Overview
This chapter tackles the selection problem: given a set of n distinct numbers, find the i-th smallest element (the i-th order statistic). While sorting solves this in O(n lg n) time, the chapter demonstrates that selection can be performed in Θ(n) time — both in expectation (via a randomized algorithm) and in the worst case (via the deterministic median-of-medians strategy). These results are significant because they show that selection is fundamentally easier than sorting, bypassing the Ω(n lg n) comparison-sort lower bound without making any assumptions about the input.
Key Concepts
- Order statistic: The i-th order statistic of a set is its i-th smallest element. The minimum is the 1st order statistic; the maximum is the n-th.
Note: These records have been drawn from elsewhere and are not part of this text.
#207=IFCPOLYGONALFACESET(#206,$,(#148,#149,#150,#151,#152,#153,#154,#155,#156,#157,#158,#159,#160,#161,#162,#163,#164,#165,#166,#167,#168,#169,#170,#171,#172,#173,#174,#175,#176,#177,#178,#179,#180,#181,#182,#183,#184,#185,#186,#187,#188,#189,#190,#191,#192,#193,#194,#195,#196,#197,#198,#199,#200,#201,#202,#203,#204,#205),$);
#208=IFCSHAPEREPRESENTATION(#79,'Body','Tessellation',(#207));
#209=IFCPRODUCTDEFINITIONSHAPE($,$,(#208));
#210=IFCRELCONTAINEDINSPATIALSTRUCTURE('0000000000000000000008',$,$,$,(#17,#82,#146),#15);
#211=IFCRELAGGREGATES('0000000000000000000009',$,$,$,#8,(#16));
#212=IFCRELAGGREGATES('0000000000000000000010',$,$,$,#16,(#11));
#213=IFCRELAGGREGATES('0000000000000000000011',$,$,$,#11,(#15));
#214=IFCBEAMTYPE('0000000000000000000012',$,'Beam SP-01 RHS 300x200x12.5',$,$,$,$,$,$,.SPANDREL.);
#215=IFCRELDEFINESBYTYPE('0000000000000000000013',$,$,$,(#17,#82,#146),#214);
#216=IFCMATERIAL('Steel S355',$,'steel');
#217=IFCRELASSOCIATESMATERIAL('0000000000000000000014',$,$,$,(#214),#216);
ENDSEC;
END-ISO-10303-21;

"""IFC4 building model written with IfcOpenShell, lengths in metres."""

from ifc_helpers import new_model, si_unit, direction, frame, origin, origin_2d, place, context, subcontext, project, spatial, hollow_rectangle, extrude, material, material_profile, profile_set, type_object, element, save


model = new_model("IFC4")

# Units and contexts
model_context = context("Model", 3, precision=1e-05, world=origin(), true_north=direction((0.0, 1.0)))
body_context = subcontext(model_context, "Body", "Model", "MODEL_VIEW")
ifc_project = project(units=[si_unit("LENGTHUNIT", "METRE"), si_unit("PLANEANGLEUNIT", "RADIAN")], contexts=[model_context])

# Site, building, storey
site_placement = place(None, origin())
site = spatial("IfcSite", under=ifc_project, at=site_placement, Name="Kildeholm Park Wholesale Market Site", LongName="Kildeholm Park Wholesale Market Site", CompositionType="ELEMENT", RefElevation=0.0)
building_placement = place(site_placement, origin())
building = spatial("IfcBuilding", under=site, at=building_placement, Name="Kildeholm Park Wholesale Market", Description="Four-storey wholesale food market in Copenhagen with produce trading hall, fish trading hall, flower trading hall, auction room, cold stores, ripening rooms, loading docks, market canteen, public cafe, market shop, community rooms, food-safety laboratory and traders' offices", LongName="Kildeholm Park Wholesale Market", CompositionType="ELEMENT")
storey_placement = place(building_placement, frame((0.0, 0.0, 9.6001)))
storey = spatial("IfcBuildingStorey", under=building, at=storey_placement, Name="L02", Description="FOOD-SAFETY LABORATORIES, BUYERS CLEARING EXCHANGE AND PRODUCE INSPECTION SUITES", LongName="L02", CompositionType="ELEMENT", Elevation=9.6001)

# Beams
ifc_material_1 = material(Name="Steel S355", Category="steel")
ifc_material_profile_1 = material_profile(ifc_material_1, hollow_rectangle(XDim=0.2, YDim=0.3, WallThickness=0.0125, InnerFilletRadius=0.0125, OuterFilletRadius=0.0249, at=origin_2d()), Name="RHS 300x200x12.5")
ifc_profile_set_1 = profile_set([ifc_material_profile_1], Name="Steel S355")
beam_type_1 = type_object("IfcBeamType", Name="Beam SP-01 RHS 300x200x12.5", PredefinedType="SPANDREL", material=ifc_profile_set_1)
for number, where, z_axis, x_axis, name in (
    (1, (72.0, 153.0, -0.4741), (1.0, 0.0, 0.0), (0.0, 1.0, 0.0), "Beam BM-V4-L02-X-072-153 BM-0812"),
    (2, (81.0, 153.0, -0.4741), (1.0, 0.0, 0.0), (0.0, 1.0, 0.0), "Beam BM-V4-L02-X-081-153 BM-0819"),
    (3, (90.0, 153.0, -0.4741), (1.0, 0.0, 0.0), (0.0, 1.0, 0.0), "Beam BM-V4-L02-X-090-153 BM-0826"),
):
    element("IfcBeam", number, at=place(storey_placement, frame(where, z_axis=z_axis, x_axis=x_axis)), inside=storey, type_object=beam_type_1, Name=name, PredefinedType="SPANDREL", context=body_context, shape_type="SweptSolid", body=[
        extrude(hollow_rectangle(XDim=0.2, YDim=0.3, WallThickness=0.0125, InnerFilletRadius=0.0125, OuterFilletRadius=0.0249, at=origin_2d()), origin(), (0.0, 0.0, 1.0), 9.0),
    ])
- Median: The "halfway point" of a set. For odd n the median is unique at position (n + 1)/2. For even n there are two medians; the text adopts the lower median at position ⌊(n + 1)/2⌋ by convention.
- Selection problem (formal): Given a set A of n distinct numbers and an integer i (1 ≤ i ≤ n), return the element in A that is larger than exactly i − 1 other elements.
- Comparison lower bound for minimum: Any comparison-based algorithm needs at least n − 1 comparisons to find the minimum, since every non-minimum element must "lose" at least one comparison (tournament argument).
- Simultaneous min and max: Both the minimum and maximum can be found together using at most 3⌊n/2⌋ comparisons, rather than the naïve 2n − 2, by processing elements in pairs.
- Selection vs. sorting: Selection algorithms determine relative order information only as needed, allowing them to run in linear time — they are not subject to the Ω(n lg n) sorting lower bound.
Algorithms and Techniques
9.1 — MINIMUM (and MAXIMUM)
Idea: Scan the array once, tracking the smallest element seen so far.
MINIMUM(A):
min = A[1]
for i = 2 to A.length:
if A[i] < min:
min = A[i]
return min
- Uses exactly n − 1 comparisons, which is optimal by the tournament lower-bound argument.
- MAXIMUM is symmetric, also using n − 1 comparisons.
Simultaneous min and max (pairwise technique):
Rather than finding min and max independently (2n − 2 comparisons), process elements in pairs:
-
Compare the two elements of each pair with each other (1 comparison).
-
Compare the smaller of the pair against the running minimum (1 comparison).
-
Compare the larger of the pair against the running maximum (1 comparison).